Outpatient Achievement Story: Cal


The first chapters of the story of the relationship between eight-year-old Cal Baker and his mom, Nicole Dabrowski, don’t read the same as the journey currently being written.

For his first 3 ½ years of his life, Cal lived with his mom and dad.

Then, the pages to their story go blank.

After drug addiction took hold of Nicole, she left her son and gave custody of Cal to Cal’s father. Nicole spent two years in a long-term treatment facility in Florida and returned to Erie in late 2021.

When she returned, she realized Cal had gone through his fair share of trauma with her leaving him and difficult experiences with his dad while she was gone.

“Cal was living with dad in a motel room at the time before he moved in with me,” Nicole, who is now four years sober, said. “Then he gets his own room and there’s boundaries and rules and it was all different for him.”

Cal began exhibiting angry behaviors and outbursts. Nicole was getting calls from Cal’s school two or three times a week mentioning Cal’s flareups, with frequent mention of restraints and having to call the police.

After bouncing around through different treatment modalities, Cal was referred to outpatient therapy and medication management through the Achievement Center of LECOM Health. With the help of Mental Health Professional Olivia Royal – affectionately referred to by Cal and Nicole as “Miss Olivia” – Cal began learning coping mechanisms and ways to deal with his emotions.

And for Cal, Nicole and their story, they went from writing wrongs to righting those same wrongs together.


Outpatient Therapy at ACLH

Cal bounds into Olivia’s office first, his bright orange shirt serving as the first declaration of his loud personality. He is a typical eight-year-old boy in many ways: He loves Legos. He plays soccer. He talks about video games, and when describing the plot of a Super Mario game, you not only hear his excitement, but you see it, as his hands work to explain the game at the same time as his words do. Cal also likes pranks and jokes (Here’s a joke from Cal: “What do polar bears eat? Ice burgers!”).

Getting to this point – a confident, well-spoken boy capable of both expressing and handling his emotions – didn’t happen overnight.

But the openness between Cal and his mom about all they have gone through, both together and separate, set the stage for being able to work with Olivia on healing from traumas and handling emotions.

“Cal knows what I’ve been through, or at least as much as you can tell an eight-year-old,” said Nicole. “And the worst thing as a parent is to see your child go through some of the things you’ve gone through – and knowing it’s a direct result of your behavior, that’s a tough thing to deal with.

“We’re on the same healing journey. We’re learning and growing together.”

Now, when Cal gets angry, he remembers his coping strategies. He might go to his room, his safe space, to deal with his emotions. He’s more productive at home – he does chores and wakes up promptly in the morning, both tasks he once struggled with, because of Olivia’s reward chart suggestion.
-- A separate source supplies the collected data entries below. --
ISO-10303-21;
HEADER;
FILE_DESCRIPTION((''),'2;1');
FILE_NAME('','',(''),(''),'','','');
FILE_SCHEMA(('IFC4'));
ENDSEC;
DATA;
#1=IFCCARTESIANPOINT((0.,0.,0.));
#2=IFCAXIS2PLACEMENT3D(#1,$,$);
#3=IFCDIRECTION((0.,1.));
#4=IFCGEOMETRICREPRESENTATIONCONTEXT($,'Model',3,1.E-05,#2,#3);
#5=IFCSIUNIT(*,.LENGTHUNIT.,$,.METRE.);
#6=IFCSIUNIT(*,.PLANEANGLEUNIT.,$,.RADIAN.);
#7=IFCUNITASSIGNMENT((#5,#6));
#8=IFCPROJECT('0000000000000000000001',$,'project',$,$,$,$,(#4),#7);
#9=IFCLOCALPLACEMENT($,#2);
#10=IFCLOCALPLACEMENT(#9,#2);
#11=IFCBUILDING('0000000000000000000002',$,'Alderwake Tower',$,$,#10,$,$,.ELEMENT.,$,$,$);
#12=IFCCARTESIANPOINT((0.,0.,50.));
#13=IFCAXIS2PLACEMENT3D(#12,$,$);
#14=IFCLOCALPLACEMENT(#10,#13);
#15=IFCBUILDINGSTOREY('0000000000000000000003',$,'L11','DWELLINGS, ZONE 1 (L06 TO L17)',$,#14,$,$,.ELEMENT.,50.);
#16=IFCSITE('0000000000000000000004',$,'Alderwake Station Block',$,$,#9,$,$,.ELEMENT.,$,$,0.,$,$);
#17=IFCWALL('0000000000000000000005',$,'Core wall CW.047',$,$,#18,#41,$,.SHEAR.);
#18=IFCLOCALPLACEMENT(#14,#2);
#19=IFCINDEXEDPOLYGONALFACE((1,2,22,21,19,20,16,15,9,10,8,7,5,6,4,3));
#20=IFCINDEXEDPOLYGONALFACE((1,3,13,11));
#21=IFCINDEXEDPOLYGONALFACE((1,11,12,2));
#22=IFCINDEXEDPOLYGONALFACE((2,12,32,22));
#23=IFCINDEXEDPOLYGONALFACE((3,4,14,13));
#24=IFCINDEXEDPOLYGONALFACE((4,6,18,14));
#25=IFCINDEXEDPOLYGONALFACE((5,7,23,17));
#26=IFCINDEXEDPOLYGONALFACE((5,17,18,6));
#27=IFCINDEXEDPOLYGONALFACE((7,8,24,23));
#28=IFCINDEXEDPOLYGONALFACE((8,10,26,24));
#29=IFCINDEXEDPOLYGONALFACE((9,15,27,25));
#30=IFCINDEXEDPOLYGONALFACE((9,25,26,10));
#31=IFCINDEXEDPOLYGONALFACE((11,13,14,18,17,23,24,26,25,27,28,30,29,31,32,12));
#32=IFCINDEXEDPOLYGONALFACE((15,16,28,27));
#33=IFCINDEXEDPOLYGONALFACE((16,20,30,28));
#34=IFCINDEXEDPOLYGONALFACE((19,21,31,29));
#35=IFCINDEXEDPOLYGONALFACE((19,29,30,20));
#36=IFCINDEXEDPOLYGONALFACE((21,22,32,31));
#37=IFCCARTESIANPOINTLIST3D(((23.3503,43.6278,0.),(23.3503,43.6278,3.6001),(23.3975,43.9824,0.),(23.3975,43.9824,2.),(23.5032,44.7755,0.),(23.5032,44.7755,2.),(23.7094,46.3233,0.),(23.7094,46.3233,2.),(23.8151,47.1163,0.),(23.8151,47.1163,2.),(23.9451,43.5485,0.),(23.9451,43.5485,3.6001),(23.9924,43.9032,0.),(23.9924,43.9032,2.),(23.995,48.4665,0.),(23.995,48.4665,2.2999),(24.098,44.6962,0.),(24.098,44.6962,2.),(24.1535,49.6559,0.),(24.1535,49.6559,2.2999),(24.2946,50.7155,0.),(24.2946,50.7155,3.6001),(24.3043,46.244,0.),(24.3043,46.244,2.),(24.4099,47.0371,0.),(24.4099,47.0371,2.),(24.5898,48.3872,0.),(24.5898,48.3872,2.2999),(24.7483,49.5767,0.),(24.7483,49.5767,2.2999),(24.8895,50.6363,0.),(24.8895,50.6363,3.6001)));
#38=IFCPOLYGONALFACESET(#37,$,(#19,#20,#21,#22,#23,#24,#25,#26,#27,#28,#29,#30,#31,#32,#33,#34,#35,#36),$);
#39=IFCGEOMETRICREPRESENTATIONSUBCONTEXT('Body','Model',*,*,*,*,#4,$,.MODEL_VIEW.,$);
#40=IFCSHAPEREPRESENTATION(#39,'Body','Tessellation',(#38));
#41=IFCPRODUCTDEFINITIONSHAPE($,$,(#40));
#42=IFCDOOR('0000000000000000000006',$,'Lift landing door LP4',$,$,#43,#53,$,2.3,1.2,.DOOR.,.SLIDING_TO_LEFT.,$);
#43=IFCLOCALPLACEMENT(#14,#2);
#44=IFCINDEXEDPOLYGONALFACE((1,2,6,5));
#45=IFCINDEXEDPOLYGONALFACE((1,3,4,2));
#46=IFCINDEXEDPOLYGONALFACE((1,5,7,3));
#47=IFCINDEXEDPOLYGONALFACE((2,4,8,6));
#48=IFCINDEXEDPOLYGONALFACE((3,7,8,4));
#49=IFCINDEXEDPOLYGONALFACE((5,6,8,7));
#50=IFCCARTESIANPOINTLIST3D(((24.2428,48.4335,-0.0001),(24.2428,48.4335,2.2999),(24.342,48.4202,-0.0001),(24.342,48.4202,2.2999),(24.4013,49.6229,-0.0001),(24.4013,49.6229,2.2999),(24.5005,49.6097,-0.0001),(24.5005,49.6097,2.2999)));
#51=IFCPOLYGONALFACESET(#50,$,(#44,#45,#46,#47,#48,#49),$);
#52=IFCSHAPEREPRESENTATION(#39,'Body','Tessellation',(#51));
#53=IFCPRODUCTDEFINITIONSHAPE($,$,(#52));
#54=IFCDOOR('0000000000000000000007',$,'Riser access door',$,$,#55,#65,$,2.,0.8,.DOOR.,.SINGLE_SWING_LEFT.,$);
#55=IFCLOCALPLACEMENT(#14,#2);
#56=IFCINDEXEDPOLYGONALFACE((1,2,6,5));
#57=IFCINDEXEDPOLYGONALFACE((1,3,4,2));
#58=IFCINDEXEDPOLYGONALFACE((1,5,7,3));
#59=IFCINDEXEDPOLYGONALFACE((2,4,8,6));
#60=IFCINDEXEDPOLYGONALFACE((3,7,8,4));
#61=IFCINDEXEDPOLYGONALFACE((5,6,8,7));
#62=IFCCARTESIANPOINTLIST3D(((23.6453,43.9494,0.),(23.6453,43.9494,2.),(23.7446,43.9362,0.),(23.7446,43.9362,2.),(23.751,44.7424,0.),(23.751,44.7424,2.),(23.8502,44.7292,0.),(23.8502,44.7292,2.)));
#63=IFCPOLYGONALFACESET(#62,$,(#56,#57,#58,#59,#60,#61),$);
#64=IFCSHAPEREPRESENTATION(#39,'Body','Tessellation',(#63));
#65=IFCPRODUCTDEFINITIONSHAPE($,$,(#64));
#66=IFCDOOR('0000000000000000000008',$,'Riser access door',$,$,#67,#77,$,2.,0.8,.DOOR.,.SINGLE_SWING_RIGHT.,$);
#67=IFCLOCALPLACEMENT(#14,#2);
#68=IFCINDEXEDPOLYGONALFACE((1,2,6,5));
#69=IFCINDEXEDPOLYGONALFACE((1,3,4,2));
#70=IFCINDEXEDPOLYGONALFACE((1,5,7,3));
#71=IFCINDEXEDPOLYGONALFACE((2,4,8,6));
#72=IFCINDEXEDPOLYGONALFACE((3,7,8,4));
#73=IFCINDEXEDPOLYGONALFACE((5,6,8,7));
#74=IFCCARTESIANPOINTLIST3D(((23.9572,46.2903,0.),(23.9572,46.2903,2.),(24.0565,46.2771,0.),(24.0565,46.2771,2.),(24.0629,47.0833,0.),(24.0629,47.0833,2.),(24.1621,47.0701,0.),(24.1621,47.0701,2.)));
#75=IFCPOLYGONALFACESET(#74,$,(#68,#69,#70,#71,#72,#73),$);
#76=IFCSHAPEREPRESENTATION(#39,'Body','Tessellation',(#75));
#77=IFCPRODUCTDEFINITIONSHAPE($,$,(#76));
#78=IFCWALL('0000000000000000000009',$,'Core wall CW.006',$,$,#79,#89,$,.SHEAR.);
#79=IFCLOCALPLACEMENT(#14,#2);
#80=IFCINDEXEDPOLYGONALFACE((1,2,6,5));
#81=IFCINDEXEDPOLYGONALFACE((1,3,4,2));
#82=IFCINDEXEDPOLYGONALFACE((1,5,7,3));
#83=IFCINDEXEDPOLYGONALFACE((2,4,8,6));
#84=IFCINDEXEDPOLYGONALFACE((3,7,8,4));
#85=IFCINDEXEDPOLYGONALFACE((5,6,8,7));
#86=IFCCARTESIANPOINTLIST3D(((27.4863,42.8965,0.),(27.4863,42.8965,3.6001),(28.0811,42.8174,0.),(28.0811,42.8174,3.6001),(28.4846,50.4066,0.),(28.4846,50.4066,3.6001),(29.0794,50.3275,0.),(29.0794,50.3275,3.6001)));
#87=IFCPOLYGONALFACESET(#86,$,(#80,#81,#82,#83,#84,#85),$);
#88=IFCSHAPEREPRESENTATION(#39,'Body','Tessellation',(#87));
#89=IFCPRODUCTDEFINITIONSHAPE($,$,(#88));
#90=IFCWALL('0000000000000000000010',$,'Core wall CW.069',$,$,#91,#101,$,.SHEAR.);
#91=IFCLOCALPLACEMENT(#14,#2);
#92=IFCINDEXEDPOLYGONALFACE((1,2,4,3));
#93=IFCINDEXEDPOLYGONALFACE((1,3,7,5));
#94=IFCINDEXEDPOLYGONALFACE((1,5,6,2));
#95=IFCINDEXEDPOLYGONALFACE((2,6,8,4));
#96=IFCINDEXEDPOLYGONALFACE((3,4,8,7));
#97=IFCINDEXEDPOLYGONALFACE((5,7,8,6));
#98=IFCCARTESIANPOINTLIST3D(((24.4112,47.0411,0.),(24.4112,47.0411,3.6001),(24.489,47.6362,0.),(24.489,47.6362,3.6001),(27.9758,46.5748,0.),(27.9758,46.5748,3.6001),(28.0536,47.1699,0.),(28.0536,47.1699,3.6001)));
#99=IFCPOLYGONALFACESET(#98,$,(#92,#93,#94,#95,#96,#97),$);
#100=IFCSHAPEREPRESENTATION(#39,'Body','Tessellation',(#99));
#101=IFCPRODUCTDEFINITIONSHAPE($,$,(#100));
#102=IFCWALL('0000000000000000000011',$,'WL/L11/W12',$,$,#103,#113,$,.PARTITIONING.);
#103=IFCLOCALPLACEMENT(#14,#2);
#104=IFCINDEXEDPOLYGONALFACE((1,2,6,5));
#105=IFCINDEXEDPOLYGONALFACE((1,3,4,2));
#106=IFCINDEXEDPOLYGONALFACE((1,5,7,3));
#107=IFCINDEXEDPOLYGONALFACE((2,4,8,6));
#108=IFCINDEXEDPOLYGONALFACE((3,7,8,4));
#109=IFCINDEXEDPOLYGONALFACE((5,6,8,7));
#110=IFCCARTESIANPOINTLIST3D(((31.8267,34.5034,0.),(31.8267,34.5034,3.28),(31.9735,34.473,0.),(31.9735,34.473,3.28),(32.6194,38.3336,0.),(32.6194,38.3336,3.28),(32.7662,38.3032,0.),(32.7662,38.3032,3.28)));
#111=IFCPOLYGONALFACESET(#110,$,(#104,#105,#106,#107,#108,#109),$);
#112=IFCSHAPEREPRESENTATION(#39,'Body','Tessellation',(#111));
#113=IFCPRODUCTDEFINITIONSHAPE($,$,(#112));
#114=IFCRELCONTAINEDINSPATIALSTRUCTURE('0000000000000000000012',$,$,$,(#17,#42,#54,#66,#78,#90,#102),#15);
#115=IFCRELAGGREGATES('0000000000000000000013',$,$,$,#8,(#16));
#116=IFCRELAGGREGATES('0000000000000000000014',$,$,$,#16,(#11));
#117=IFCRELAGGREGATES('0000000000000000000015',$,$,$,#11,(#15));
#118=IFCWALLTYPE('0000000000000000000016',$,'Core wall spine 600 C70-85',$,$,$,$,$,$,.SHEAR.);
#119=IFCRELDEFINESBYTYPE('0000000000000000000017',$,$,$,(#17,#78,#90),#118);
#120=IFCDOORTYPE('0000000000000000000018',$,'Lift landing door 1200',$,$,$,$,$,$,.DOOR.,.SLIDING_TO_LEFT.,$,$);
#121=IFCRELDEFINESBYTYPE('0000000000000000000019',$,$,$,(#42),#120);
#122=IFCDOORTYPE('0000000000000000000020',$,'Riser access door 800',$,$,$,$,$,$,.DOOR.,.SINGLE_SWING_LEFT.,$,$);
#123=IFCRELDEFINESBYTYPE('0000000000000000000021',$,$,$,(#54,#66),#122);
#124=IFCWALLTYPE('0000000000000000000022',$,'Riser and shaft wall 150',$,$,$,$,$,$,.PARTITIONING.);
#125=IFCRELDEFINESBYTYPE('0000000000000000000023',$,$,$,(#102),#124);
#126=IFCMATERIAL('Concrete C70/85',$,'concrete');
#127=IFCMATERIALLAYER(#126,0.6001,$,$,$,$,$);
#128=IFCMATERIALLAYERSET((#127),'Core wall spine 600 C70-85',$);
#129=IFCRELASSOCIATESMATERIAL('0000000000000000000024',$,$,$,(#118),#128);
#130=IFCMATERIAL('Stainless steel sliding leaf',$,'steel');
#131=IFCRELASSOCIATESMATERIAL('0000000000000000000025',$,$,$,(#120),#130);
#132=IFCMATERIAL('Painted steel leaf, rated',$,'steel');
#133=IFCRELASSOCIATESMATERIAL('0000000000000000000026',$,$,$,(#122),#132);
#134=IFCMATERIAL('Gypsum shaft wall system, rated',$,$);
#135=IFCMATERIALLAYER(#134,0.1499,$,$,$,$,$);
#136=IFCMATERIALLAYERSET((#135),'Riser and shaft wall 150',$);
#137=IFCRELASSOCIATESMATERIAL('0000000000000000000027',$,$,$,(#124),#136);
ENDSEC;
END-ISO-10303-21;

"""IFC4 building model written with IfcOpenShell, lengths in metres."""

from ifc_helpers import new_model, si_unit, direction, frame, frame_2d, origin, place, context, subcontext, project, spatial, rectangle, extrude, material, layer, layer_set, type_object, element, fill, save


model = new_model("IFC4")

# Units and contexts
model_context = context("Model", 3, precision=1e-05, world=origin(), true_north=direction((0.0, 1.0)))
body_context = subcontext(model_context, "Body", "Model", "MODEL_VIEW")
ifc_project = project(units=[si_unit("LENGTHUNIT", "METRE"), si_unit("PLANEANGLEUNIT", "RADIAN")], contexts=[model_context])

# Site, building, storey
site_placement = place(None, origin())
site = spatial("IfcSite", under=ifc_project, at=site_placement, Name="Alderwake Station Block", CompositionType="ELEMENT", RefElevation=0.0)
building_placement = place(site_placement, origin())
building = spatial("IfcBuilding", under=site, at=building_placement, Name="Alderwake Tower", CompositionType="ELEMENT")
storey_placement = place(building_placement, frame((0.0, 0.0, 50.0)))
storey = spatial("IfcBuildingStorey", under=building, at=storey_placement, Name="L11", Description="DWELLINGS, ZONE 1 (L06 TO L17)", CompositionType="ELEMENT", Elevation=50.0)

# Wall, openings, doors
ifc_material_1 = material(Name="Concrete C70/85", Category="concrete")
ifc_layer_1 = layer(ifc_material_1, 0.6001)
ifc_layer_set_1 = layer_set([ifc_layer_1], Name="Core wall spine 600 C70-85")
wall_type_1 = type_object("IfcWallType", Name="Core wall spine 600 C70-85", PredefinedType="SHEAR", material=ifc_layer_set_1)
wall_1_placement = place(storey_placement, frame((23.6477, 43.5881, 0.0), z_axis=(0.0, 0.0, 1.0), x_axis=(0.13207, 0.99124, 0.0)))
wall_1 = element("IfcWall", 1, at=wall_1_placement, inside=storey, type_object=wall_type_1, Name="Core wall CW.047", PredefinedType="SHEAR", context=body_context, shape_type="SweptSolid", body=[
    extrude(rectangle(XDim=7.1504, YDim=0.6001, at=frame_2d((3.5752, 0.0))), origin(), (0.0, 0.0, 1.0), 3.6001),
])
opening_1_placement = place(wall_1_placement, frame((4.8813, 0.0, 0.0)))
opening_1 = element("IfcOpeningElement", 2, at=opening_1_placement, cuts=wall_1, PredefinedType="OPENING", context=body_context, shape_type="SweptSolid", body=[
    extrude(rectangle(XDim=1.2, YDim=2.3, at=frame_2d((0.6001, 1.1499))), frame((0.0, 0.3101, 0.0), z_axis=(0.0, -1.0, 0.0), x_axis=(1.0, 0.0, 0.0)), (0.0, 0.0, 1.0), 0.6201),
])
opening_2_placement = place(wall_1_placement, frame((0.3579, 0.0, 0.0)))
opening_2 = element("IfcOpeningElement", 3, at=opening_2_placement, cuts=wall_1, PredefinedType="OPENING", context=body_context, shape_type="SweptSolid", body=[
    extrude(rectangle(XDim=0.8, YDim=2.0, at=frame_2d((0.3999, 1.0))), frame((0.0, 0.3101, 0.0), z_axis=(0.0, -1.0, 0.0), x_axis=(1.0, 0.0, 0.0)), (0.0, 0.0, 1.0), 0.6201),
])
opening_3_placement = place(wall_1_placement, frame((2.7195, 0.0, 0.0)))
“Through the reward chart, we’re spending more time together. His rewards from the reward chart [after completing tasks] aren’t money. We’ve gone to the library, we’ve gone to the park, we’ve had movie nights,” Nicole said.  “It’s getting to a point where I can parent him, not just calm him. We’re becoming a team. Cal enjoys me, I enjoy Cal. We’re mom and son – a regular family.”

Cal is an eight-year-old who has been through a lifetime’s worth of trauma – but now, Cal and his mom get to build a relationship that will last a lifetime.

“Mom and Cal are communicating better,” Olivia said. “Mom’s approach is validating, in that she acknowledges and understands when Cal is upset, but also maintains expectations and boundaries. She provides him structure.

“He’s so smart, so outgoing. I think he can work through what he’s been dealt with. He can do anything.”

Nicole agrees and is especially complimentary of the services provided by Olivia and the Achievement Center of LECOM Health.

Compared to other experiences, it’s been night and day for me here. I leave work early every Tuesday to be here, and I’d rather make that sacrifice than have to go back to where we’ve been or go elsewhere,” Nicole said. “Some other places didn’t seem hopeful. Walking in here, I feel hopeful.”